I also have scripts on hand to scrap the information about market conditions and future market expectations for the same stocks.

As the final result, I combined the information above and now I am ready to start building an ML model. I am covering the results in today's article.

A short spoiler — the model successfully predicted 75% of stock movements correctly with a mean absolute error of under 5%.

Let's go and check the details!

PART I. THE LIST OF VARIABLES

We have about 30 variables in total and it may be a little overwhelming to remember all of them. I will list them with a proper name for future reference:

  • date — day of the operation for trading transactions, for financial KPIs we show the latest results. DATE
  • roe — Return on Equity. NUMBER
  • longTermDebtEquity — Debt to Equity Ratio for the long-term notes. NUMBER
  • revenueQoQ — Revenue Quarter over Quarter. NUMBER
  • epsQoQ — Earnings per Stock Quarter over Quarter. NUMBER
  • piotroskiFScore — Financial health in the range from 1 to 10. NUMBER
  • currentRatio — Company's short-term liquidity. NUMBER
  • roa -Return on Assets. NUMBER
  • profitMargin — how many cents of profit have been generated for each dollar of sale. NUMBER
  • peRatio — Price to Earnings Ratio. NUMBER
  • pbRatio — Price to Balance Ratio. NUMBER
  • trailingPEG1Y — Price/Earnings to Growth Ratio. NUMBER
  • VIX_high — Volatility index daily highest value. NUMBER
  • sector — company's sector. CATEGORICAL
  • industry — company's industry. CATEGORICAL
  • 10Y_bonds — 10-year US treasury notes daily yield value. NUMBER
  • 10Y_bond_MoM — Month over Month changes of the 10 year US treasury note. NUMBER
  • Debt-to-Equity_Ratio — Total company's liabilities divided by the equity. NUMBER
  • DividendsYield — The percentage of a company's share price that it pays out in dividends each year. NUMBER
  • PayoutRatio — The portion of earnings a company pays as dividends. NUMBER
  • Acc_Rec_Pay_Ration — Accounts Receivable Turnover Ratio. NUMBER
  • Earnings_per_stock — profit per outstanding share of stock divided by stock's value to get the percentage value. NUMBER
  • dividends_change — After the company's new dividends announcement, how strongly the payments changed. NUMBER
  • prev_div_change — What's the latest dividends change was before the latest announcement. NUMBER
  • days_after_divid_report — how many days passed from the latest announcement of dividends change. NUMBER
  • surprise_% — the difference between the latest reported earnings per stock and the market expectations. NUMBER
  • expected_growth — what are the expected earnings per stock by market participants. NUMBER
  • previous_surprise — the difference between the reported earnings and expectations of the previous report period. NUMBER
  • days_after_earn_report — how many days passed after the latest report date when the company publishes the official results. NUMBER
  • future_30dprice_change — Percent of price change for a specific stock in 30 days. NUMBER

We use the latest variable as our target. We will try to teach our model to predict the price after 30 days of today's date.

In this case, we are going to use information about companies from DOW 30 index. It's only thirty companies but it should be sufficient for us to understand if the collected data can provide any acceptable results.

dates range

We have collected almost three years of historical data.

Photo by Markus Spiske on Unsplash

PART II. VARIABLES ANALYSIS

NUMERIC VARIABLES

Let's have a quick look at the data. At first, we can check the correlation, and hope for a simple answer right away.

Unfortunately, there are no strong correlations in the dataset.
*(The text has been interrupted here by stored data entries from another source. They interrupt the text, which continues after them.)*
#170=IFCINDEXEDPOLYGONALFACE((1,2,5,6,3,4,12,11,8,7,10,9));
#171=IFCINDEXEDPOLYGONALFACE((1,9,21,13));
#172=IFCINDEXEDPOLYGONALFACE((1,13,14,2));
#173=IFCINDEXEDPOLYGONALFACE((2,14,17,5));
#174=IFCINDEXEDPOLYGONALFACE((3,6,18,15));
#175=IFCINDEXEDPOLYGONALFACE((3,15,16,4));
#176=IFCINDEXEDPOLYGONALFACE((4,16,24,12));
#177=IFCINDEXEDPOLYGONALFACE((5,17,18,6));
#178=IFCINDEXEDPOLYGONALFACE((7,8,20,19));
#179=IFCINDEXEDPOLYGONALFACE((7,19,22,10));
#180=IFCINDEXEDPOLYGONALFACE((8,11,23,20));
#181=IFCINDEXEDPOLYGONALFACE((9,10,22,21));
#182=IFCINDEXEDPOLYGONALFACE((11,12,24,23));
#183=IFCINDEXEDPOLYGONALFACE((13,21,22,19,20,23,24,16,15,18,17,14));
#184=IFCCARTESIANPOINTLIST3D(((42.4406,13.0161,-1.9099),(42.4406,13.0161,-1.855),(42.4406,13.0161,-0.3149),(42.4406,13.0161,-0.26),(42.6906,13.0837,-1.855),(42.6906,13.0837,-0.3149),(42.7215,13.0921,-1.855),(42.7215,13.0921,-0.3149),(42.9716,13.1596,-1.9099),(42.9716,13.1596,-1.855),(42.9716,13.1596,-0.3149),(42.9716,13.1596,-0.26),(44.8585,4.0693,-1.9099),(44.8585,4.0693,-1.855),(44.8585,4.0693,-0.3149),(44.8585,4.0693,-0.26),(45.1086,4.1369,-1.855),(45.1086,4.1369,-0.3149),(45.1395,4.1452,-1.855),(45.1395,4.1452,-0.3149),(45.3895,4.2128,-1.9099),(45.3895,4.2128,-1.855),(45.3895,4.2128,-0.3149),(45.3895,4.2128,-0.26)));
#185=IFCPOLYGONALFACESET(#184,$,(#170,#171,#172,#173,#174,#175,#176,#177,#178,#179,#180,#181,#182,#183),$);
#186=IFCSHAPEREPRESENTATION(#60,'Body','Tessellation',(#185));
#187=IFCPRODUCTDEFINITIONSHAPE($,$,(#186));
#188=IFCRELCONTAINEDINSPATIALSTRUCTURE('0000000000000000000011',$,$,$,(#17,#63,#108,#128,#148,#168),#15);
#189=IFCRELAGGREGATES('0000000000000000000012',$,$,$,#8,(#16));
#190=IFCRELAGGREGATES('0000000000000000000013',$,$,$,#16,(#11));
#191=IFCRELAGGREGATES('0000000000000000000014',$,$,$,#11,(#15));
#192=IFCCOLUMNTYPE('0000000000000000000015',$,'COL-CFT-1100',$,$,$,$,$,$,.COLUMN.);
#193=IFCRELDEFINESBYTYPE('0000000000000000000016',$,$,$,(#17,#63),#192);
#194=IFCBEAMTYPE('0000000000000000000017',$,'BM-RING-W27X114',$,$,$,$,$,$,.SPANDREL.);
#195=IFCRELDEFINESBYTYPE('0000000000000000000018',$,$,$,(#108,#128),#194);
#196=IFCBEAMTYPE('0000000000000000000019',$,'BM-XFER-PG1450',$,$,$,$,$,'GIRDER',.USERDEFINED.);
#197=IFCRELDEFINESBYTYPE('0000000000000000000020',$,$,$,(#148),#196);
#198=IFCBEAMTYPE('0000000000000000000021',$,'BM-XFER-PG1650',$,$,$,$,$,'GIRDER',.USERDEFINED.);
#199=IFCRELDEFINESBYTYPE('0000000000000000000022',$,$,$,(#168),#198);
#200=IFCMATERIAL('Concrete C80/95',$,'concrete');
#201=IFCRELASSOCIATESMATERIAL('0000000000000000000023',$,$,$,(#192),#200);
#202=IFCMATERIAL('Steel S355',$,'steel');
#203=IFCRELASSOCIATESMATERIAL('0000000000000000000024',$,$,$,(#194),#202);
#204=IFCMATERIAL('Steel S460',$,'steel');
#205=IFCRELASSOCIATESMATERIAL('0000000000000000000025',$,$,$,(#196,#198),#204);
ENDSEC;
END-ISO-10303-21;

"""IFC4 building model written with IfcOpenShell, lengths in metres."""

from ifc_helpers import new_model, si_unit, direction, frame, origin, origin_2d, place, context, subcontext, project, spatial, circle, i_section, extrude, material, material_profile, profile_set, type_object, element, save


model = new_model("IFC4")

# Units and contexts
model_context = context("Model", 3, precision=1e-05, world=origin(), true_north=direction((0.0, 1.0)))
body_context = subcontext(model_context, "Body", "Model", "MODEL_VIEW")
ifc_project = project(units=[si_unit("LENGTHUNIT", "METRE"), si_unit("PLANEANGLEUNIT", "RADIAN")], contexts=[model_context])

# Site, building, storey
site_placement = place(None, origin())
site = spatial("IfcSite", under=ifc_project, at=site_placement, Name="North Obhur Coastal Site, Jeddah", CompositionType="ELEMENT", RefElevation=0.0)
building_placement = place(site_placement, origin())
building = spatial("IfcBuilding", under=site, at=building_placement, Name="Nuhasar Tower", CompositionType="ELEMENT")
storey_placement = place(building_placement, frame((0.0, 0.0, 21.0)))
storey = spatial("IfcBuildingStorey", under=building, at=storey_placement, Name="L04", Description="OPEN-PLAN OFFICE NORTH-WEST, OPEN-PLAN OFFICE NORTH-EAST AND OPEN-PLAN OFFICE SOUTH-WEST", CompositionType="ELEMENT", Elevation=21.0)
Especially for the target variable, there is no correlation stronger than 0.2. It means that the solution for our prediction may be complex if we find one.

Now we can look at data distribution across variables and how strong the outliers are.
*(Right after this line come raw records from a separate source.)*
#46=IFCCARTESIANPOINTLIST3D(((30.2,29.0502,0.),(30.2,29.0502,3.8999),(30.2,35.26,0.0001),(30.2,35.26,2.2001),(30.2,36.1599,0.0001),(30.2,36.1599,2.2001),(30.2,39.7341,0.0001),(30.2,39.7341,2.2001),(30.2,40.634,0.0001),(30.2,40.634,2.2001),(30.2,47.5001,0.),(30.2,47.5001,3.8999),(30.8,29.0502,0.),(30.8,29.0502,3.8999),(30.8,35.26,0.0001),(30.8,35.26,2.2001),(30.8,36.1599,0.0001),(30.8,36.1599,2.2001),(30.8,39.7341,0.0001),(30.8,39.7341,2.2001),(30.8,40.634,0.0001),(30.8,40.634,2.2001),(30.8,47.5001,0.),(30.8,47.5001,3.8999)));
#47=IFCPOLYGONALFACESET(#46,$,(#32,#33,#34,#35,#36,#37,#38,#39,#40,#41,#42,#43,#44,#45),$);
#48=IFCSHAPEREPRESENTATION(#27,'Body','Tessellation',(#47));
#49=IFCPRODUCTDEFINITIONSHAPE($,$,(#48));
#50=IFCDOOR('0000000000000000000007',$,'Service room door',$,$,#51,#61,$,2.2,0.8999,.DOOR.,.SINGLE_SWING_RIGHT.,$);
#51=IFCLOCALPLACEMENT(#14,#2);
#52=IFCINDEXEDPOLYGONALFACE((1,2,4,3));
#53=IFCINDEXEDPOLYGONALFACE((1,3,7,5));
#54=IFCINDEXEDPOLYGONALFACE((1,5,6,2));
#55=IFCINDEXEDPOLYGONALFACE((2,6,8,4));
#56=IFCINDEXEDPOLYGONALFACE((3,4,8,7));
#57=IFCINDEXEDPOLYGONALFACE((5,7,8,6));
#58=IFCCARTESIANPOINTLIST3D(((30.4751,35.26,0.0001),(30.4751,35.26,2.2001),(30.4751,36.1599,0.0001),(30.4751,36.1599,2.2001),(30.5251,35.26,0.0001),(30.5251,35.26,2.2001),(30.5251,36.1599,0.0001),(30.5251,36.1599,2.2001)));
Here is the big picture we see from the charts above:
- Most DOW30 companies have Piotroski scores above five which means they are in good financial health.
- Return on assets for most companies was above 0 and below 30%. It shows that most of the time, companies were profitable.
- Profit margin for the majority is under 100%. A spike of companies with a profit margin of 100% should be highlighted.
- 10Y bonds yield did not go above 3% for long for the specified period.
- Companies usually inform about dividends change once a year and in general, dividends grow.
- future 30d price change looks like a normally distributed curve with the outliers on the left side and a mean value close to "0". It shows that our dataset has balanced data of stock movements up and down.
- Average market Return on Equity is 38%. A value in the range of 15–20% is considered as good for a company. A standard deviation is 326%. It shows there are companies with periods of significant losses (negative values) and there are companies with very low shareholder's equity (very high values)
- Dividends, on average, grow 9.7% after an announcement. 50% of Companies announce dividend change every 213 days.
- On Average, stocks' value increased 0.2% every 30 days.

CATEGORICAL VARIABLES

I have to drop the "Industry" as it contained 26 values. Knowing that we have only 30 companies, it may block us from generalizing the future model.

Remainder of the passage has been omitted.